ちゃあしゅう屋最大の売りは、チャーシュー。同店ではチェーン他店でも置いてある「炭火焼チャーシュー」プラス、豚の脇腹の肉を骨つきでそのまま煮込んだ、一日二〇個限定の「骨つきチャーシュー」、二~三センチメートルほどの厚さに切った「厚切りチャーシュー」の三種類を提供。

「これまでも、チャーシューの味にはこだわって来たが、さらにグレードアップさせた」と、古徳代表取締役は言う。この秘伝のチャーシューは、同社内原工場(内原町鯉渕)で製造。「半日以上煮込む、とだけしか申し上げられません」(古徳代表取締役)と、製造方法は企業秘密とのことだ。

ラーメン自体は比較的、あっさりと仕上げられている。とんこつ味も、豚骨の持つ臭みがなく、女性客にも非常に評判が高い。その麺、あっさりと仕上がっているスープ、そして、ちゃあしゅう屋のラーメンを主食たらしめているところの、こだわりのチャーシュー。古徳代表取締役の夢は、ちゃあしゅう屋で確実に実現されているといえよう。

人気ダントツ一位は「炭火焼チャーシューめん」。とんこつ味(八八〇円)、正油味(七八〇円)、みそ味(八八〇円)、ゴマ味(九〇〇円)の四種類から、チョイスできる。「厚切りチャーシューめん正油味」(七九〇円)、オーソドックスな「みそらーめん」(六八〇円)も人気が高い。

単価の高いチャーシューめんのオーダー比率が約七割と高いこともあり、同店は、平均月商約一七〇〇万円という、ラーメン店としては驚異的な売上げをたたき出している。

同店を超繁盛店へと押し上げているもう一つの要因は、充実したサイドディッシュにある。「手造り餃子」(三八〇円)、若鳥のもも肉を一本丸ごと揚げた「山賊揚げ」(四八〇円)、北海道トンデンファーム直送の「手造りソーセージ」(三八〇円)、「海賊揚げ」(イカのげそ揚げ、四八〇円)。もちろん、チャーシュー単品でのオーダーも可能。また、これらサイドディッシュは、テークアウトも可能だ。

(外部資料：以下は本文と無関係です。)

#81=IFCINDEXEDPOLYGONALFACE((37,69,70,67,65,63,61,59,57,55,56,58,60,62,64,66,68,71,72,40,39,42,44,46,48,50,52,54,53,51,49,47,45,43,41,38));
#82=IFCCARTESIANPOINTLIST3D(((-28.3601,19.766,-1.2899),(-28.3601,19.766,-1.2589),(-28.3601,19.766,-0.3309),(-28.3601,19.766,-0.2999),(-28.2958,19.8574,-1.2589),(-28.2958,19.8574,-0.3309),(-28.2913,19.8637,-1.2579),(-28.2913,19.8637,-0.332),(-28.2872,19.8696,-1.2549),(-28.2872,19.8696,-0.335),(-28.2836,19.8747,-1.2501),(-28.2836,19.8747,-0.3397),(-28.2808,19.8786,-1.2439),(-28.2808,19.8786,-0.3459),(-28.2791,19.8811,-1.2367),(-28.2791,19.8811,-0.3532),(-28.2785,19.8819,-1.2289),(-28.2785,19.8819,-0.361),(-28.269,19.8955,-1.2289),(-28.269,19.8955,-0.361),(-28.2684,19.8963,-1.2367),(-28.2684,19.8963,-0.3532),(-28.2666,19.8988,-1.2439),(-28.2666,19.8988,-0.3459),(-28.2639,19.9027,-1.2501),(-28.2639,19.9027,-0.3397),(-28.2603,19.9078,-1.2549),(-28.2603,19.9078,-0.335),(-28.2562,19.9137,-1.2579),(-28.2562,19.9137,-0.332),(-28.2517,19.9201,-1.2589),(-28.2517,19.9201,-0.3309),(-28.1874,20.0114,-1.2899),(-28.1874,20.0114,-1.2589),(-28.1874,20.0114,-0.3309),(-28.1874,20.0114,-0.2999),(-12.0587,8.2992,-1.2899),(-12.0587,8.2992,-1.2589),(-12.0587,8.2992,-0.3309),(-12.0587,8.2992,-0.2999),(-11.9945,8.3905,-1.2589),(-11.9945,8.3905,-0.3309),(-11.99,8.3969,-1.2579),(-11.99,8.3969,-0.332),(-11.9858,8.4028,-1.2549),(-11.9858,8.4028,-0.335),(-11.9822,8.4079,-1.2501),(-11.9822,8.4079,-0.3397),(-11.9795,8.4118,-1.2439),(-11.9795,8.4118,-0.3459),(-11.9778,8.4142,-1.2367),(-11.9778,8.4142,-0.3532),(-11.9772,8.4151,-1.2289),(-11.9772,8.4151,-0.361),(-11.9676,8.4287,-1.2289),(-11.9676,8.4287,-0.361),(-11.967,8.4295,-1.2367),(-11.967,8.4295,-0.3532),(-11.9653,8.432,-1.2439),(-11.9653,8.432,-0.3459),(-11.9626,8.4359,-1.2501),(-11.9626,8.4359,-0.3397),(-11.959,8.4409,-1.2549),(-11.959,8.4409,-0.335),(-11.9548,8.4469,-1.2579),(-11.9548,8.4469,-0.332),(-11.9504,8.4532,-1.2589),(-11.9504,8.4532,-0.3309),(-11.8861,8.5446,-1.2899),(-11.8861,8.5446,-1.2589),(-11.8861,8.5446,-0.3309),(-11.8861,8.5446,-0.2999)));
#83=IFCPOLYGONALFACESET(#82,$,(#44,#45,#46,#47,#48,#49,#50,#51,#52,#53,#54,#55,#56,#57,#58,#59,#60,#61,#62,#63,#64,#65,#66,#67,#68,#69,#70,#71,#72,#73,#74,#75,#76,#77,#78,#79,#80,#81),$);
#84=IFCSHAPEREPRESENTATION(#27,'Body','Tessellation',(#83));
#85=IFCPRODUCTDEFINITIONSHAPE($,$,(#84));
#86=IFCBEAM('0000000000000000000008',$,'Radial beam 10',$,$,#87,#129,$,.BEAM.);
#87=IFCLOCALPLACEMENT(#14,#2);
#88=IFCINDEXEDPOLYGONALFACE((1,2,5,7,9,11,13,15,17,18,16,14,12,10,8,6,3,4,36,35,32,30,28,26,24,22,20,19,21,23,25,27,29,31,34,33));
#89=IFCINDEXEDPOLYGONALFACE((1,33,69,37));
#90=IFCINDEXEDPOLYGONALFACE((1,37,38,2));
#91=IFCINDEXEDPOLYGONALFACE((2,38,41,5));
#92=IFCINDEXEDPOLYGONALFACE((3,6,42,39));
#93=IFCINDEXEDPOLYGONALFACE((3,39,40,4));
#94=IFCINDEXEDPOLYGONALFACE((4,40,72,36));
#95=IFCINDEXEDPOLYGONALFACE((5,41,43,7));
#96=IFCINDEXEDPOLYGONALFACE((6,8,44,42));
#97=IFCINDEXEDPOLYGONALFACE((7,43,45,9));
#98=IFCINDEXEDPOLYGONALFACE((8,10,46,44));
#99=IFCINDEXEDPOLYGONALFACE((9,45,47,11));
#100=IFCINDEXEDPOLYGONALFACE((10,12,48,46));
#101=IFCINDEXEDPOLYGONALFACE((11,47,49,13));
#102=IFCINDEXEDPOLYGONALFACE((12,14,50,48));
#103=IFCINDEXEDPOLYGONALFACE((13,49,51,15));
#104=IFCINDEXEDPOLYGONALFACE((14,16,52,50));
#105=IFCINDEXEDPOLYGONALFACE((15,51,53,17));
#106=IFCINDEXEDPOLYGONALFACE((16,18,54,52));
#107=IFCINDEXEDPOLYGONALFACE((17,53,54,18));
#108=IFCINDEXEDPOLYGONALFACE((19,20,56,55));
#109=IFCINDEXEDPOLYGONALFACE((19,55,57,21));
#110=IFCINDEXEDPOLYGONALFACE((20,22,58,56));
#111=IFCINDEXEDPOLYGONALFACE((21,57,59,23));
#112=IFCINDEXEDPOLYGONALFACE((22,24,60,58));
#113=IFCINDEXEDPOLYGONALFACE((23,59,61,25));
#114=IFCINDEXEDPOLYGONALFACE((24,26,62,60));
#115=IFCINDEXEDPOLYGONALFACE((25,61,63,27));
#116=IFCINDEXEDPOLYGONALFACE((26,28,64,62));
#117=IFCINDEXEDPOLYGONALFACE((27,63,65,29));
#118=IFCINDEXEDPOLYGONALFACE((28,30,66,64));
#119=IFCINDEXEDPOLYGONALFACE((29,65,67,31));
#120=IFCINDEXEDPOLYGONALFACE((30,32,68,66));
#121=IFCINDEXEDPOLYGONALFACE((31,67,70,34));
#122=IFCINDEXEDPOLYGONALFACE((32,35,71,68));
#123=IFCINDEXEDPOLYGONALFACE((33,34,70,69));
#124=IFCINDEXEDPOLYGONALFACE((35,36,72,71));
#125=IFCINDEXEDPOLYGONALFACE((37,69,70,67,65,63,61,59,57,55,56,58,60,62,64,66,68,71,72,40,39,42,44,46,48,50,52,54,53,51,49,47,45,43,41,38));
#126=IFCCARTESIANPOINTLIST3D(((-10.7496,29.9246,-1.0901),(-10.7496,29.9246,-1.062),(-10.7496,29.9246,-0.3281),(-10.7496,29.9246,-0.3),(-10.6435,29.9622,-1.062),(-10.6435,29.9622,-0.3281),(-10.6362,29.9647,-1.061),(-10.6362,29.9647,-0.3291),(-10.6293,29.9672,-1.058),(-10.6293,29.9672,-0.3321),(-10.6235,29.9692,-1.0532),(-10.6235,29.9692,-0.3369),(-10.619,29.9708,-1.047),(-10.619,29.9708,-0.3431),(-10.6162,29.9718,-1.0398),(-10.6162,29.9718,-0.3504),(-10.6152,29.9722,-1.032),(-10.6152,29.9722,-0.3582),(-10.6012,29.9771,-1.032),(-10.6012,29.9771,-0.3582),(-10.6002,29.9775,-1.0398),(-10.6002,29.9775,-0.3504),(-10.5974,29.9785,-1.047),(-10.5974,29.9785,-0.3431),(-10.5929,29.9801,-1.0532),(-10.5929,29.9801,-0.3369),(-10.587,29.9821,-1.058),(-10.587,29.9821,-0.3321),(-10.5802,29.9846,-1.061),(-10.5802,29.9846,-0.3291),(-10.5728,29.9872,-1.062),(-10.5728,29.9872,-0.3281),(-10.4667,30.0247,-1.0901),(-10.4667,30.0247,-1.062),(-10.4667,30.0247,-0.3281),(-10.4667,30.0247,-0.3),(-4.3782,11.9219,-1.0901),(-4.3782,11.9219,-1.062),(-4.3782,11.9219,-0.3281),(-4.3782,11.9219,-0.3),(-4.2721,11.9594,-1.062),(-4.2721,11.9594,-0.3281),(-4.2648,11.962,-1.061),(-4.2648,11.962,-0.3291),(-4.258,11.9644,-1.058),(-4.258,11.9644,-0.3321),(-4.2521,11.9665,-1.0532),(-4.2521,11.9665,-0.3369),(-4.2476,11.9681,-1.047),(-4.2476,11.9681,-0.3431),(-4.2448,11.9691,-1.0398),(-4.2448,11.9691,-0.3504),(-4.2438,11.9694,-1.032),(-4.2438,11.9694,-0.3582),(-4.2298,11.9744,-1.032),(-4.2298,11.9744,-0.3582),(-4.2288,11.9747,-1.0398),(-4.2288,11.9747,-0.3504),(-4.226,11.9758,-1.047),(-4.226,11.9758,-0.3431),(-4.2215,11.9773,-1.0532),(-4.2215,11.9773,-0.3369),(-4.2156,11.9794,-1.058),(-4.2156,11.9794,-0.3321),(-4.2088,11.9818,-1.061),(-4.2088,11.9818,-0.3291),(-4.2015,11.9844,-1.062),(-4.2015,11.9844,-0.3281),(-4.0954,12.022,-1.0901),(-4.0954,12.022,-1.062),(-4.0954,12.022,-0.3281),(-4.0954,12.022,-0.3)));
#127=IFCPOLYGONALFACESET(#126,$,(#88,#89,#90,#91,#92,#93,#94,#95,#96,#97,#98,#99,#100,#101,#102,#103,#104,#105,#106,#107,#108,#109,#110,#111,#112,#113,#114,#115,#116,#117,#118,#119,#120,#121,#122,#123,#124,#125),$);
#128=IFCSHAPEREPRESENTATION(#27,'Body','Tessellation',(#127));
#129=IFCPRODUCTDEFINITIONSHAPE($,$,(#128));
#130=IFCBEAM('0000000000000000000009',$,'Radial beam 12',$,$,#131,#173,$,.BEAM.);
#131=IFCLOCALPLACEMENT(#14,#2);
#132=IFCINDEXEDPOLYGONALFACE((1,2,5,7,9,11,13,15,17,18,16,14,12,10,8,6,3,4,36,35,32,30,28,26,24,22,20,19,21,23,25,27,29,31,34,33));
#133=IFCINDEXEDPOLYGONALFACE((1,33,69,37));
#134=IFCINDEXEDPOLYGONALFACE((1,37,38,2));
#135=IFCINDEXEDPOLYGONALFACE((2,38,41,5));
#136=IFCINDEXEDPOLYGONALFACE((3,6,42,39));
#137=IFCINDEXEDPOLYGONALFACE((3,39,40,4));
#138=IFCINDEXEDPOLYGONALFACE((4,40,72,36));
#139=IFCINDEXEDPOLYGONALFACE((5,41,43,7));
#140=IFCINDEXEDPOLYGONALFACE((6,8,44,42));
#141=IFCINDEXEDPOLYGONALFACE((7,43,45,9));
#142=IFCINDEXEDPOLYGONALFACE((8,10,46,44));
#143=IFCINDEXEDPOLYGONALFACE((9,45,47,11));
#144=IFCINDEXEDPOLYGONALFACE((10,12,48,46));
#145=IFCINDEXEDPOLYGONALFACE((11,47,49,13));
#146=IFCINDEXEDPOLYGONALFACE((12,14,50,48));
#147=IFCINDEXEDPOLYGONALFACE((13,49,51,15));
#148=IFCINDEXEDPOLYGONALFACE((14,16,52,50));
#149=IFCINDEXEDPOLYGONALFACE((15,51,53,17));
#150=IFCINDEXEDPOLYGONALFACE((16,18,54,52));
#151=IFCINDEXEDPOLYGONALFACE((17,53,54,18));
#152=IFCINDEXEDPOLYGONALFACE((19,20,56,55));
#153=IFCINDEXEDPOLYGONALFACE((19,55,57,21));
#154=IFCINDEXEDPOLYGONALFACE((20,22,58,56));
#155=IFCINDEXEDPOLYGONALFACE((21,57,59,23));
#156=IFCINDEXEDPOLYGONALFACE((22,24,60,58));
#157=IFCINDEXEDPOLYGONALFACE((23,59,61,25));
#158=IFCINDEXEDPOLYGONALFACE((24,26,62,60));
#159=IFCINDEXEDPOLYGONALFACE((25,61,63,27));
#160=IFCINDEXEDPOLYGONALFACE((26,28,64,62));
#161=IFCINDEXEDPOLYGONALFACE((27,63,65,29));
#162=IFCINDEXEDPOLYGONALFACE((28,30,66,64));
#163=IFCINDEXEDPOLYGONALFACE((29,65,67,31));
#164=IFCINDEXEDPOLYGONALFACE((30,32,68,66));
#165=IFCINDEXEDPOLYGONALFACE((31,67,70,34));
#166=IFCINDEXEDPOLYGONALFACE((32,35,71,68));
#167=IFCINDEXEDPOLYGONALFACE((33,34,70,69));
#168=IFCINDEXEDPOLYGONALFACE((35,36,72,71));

同店ではサイドディッシュのオーダーをうながすかのように、ビールサーバーを目立つ位置に設置。同店の昼間の平均客単価は約九五〇円、夜間が一二〇〇円。この数字は、同店がアルコールのオーダーと、そのおつまみとしてのサイドディッシュのオーダーを、着実に取り込んでいることを示しているといえよう。

手造り餃子は平日で一二〇~一五〇食、土・日・祝日では三〇〇食は出る、ちゃあしゅう屋の準主役級の名物料理となり得ている。

コックにあこがれていたんですよ。背の高いコック帽をかぶって、えりにスカーフをまいている、あの格好に引かれていたんです。それで最初に水戸市南町でレストランを始めました。昭和46年11月のことです。それが「レストラン・キャンドル」です。毎日、夜遅くまで、フライパンを握りました。忙しくとも充実した毎日でした。

ただ、時代の流れはインディペンデントのレストランには逆風となりつつありました。全国チェーンのFRが地方にもどんどんと進出してきたんです。私はコックの修業は積んで来ましたが、店舗オペレーションなど運営に関しては素人だったのです。当然、綿密なチェーンオペレーションで攻めて来る全国チェーンのFRにはかなわなかった。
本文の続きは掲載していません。